Adding in commodities gave my portfolio more balance during turbulent times.
How I Started: Simple Steps, Small Amounts
I didn’t go all-in. I started slow, testing a few options and learning as I went. Here’s how I approached it:
Step 1: Research Basic ETFs
I looked into commodity ETFs that didn’t require advanced knowledge or active management.
Some of my first picks:
- GLD for gold
- DBC (Invesco DB Commodity Index Fund) for a mix of energy, metals, and agriculture
- GSG (iShares S\&P GSCI Commodity-Indexed Trust) for broad exposure
These funds were easy to buy through my brokerage account, and I didn’t need to worry about managing futures contracts.
Step 2: Allocate a Small Percentage
I dedicated about 5–10% of my portfolio to commodities. It was enough to feel the impact but not so much that I’d lose sleep over short-term drops.
Over time, I adjusted based on market conditions. During inflation-heavy periods, I leaned a bit more into commodities; when things stabilized, I rebalanced.
What I Noticed After Adding Commodities
Here’s what changed once I started using commodities for portfolio diversification:
Less Portfolio Volatility
Commodities didn’t eliminate risk, but they **smoothed out the ride**. When my tech stocks were falling, my gold holdings held their ground. That balance helped my overall portfolio dip less during rough patches.
New Growth Opportunities
In 2023, energy prices spiked due to geopolitical tensions. My holdings in DBC and a small stake in USO (a crude oil ETF) performed surprisingly well — even when stocks were struggling.

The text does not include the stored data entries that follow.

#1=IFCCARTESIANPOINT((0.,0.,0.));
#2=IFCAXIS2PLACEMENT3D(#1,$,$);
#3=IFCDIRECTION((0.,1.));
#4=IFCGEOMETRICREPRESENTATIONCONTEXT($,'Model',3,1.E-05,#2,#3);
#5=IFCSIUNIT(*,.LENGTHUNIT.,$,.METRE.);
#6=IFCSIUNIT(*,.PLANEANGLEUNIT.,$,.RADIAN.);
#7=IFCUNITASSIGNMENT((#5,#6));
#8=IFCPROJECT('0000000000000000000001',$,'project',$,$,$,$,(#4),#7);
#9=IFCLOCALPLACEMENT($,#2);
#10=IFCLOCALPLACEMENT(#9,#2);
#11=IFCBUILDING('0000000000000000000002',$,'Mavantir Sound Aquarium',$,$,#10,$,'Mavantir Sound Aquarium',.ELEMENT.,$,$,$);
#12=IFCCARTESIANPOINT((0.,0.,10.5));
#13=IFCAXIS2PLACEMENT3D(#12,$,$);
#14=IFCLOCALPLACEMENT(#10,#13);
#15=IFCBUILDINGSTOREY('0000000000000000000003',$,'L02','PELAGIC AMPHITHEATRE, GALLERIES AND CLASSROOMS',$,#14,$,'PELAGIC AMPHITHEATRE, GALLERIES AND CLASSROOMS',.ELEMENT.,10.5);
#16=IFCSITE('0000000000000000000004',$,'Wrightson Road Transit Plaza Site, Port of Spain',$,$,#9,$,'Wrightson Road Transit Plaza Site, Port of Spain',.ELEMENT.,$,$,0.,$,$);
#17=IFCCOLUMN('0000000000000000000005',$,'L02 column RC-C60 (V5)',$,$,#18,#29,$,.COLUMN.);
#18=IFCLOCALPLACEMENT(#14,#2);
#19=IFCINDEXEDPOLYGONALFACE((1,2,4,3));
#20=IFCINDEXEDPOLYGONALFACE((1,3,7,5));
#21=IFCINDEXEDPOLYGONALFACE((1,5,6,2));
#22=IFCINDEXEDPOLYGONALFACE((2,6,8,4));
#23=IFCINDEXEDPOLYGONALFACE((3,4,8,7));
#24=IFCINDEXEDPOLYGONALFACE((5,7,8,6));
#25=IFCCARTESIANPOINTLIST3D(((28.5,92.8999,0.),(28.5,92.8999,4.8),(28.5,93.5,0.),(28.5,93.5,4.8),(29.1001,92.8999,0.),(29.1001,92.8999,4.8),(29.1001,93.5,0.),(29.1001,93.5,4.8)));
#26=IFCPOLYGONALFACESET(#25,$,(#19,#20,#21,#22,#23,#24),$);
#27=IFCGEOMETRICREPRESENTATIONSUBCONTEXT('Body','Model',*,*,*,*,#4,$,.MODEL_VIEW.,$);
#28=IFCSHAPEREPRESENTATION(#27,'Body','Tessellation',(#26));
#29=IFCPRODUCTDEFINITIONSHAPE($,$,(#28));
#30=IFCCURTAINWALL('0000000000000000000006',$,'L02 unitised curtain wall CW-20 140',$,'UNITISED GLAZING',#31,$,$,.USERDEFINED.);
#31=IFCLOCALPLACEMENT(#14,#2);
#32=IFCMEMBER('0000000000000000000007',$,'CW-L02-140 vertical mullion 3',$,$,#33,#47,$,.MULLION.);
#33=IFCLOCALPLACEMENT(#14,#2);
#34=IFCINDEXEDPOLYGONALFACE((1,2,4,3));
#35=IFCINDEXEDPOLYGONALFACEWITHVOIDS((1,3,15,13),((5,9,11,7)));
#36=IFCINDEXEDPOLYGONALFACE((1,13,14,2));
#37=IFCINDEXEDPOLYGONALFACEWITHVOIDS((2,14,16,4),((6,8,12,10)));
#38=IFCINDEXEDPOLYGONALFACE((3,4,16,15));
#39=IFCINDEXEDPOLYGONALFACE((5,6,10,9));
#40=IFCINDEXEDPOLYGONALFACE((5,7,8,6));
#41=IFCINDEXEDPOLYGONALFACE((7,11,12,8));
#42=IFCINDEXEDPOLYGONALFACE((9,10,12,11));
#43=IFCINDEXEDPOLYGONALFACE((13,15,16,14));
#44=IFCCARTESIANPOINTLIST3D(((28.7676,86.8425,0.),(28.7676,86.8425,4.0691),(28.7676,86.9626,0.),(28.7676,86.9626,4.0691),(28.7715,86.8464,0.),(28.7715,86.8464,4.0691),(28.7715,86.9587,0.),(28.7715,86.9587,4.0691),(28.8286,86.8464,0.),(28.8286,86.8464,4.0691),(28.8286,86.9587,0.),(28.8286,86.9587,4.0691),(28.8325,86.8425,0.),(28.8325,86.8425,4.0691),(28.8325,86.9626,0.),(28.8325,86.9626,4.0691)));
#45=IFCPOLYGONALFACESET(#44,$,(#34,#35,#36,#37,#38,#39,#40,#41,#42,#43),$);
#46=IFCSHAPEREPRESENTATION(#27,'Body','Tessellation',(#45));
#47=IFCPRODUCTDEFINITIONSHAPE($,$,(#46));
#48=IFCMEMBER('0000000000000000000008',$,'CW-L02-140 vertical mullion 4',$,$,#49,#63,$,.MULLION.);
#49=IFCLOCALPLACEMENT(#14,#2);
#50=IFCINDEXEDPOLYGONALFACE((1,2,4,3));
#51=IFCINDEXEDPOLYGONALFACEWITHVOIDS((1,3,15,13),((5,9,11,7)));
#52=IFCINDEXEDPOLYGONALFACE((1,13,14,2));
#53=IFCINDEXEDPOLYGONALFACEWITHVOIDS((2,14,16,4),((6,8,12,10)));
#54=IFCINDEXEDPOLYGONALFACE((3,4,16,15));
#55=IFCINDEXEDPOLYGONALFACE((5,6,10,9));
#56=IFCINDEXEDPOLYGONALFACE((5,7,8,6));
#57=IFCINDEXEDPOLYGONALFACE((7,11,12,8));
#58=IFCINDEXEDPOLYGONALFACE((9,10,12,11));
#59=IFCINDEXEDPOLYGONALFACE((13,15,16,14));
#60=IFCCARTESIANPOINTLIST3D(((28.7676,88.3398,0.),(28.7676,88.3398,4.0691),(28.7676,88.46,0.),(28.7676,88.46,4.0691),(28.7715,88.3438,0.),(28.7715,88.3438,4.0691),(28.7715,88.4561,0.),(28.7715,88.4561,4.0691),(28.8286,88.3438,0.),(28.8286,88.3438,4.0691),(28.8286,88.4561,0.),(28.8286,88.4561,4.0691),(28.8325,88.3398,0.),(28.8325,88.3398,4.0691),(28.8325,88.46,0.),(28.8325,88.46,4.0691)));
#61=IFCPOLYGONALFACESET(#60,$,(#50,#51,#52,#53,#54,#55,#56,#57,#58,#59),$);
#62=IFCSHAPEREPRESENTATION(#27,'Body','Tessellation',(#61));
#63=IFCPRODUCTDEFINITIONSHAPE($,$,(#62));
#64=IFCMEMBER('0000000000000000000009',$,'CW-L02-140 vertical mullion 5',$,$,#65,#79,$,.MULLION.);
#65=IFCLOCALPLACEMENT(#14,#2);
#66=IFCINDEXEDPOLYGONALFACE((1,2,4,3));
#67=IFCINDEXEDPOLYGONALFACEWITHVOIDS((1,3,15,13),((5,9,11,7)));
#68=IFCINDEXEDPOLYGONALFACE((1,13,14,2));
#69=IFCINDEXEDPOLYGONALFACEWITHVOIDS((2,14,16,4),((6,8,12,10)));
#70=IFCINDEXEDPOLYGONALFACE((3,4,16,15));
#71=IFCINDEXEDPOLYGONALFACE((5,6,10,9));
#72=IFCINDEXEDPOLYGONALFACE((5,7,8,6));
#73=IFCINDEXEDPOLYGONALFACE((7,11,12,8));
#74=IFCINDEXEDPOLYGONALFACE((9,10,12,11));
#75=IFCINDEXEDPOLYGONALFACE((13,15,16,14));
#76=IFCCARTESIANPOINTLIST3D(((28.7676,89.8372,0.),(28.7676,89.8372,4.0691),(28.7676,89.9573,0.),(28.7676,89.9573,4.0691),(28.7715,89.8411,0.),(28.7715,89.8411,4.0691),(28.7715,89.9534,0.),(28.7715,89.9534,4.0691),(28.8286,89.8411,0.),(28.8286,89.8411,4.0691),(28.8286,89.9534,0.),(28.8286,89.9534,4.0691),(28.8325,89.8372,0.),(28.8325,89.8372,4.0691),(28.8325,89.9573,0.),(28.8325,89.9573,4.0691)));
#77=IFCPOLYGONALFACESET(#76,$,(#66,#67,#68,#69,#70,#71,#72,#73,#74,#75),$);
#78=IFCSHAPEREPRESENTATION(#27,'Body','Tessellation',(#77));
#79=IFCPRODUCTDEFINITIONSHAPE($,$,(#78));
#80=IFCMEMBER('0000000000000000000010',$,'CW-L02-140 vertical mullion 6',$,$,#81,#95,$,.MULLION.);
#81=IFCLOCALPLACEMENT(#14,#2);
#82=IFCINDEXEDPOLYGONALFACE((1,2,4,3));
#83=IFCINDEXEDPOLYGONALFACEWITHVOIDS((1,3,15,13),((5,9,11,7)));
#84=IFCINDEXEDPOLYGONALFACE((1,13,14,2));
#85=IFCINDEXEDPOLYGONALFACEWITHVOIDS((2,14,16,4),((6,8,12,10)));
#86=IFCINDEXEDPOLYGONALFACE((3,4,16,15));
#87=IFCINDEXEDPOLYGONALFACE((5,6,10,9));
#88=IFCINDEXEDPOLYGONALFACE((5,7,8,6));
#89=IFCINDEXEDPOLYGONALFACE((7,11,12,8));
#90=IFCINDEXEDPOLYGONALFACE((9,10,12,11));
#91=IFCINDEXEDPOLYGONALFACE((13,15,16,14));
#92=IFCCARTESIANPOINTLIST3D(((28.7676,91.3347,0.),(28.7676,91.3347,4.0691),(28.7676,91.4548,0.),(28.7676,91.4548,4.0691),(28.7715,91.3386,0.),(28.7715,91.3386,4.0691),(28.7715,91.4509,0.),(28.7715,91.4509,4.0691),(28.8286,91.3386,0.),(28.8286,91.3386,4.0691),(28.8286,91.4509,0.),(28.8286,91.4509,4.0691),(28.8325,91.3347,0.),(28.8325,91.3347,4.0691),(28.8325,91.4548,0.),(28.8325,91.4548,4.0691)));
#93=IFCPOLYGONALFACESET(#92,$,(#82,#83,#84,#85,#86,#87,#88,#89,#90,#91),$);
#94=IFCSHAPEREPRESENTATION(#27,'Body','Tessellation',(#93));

It showed me that commodities can also boost returns in the right environment.
Better Understanding of the Global Economy
Investing in commodities made me more aware of things like:
OPEC decisions (which affect oil prices)
Weather patterns (which influence agriculture)
Central bank moves (which impact gold)
It gave me a bigger-picture view of the economy — and honestly made investing feel more interesting.
The Risks (Because Nothing’s Perfect)
I’d be lying if I said commodities were risk-free. Here’s what I ran into:
Volatility Can Be Extreme
Crude oil and natural gas can swing wildly. I learned that lesson the hard way when I bought into USO a little too late and saw a 15% drop in a week.
Tip: Stick with broad-based ETFs or start with less volatile commodities like gold or silver.
No Income from Commodities
Unlike dividend-paying stocks or bonds, most commodity investments **don’t generate income**. They rely entirely on price appreciation.
So, I kept my income-producing assets (like dividend ETFs and REITs) and used commodities more as a hedge.
Complexity (If You Dive Too Deep)
Commodity futures and roll yields can get confusing fast. If you’re just starting, avoid the advanced stuff until you’ve built a foundation.
My Ongoing Strategy
These days, commodities remain a core satellite in my portfolio. That means they aren’t the star of the show, but they play a crucial supporting role.
Here’s how I break it down:
60% Stocks (mix of growth and value, domestic and international)
20% Bonds
10% Real Estate (REITs)
10% Commoditie (via ETFs like DBC, GLD, and GSG)
I rebalance once or twice a year — or when market conditions shift significantly.
Final Thoughts: Should You Use Commodities for Portfolio Diversification?
In my opinion, yes — but smartly and strategically.
Commodities helped me:
Reduce volatility
Protect against inflation
Find new growth opportunities
Understand market dynamics better
If you’re a beginner, you don’t need to master futures trading or load up on obscure ETFs. Start with simple, broad commodity funds, keep your allocation modest, and let them work quietly in the background.
Using commodities for portfolio diversification isn’t a magic fix — but it is a powerful tool. And if you’re building a portfolio for the long haul, it might just be the missing piece you didn’t know you needed.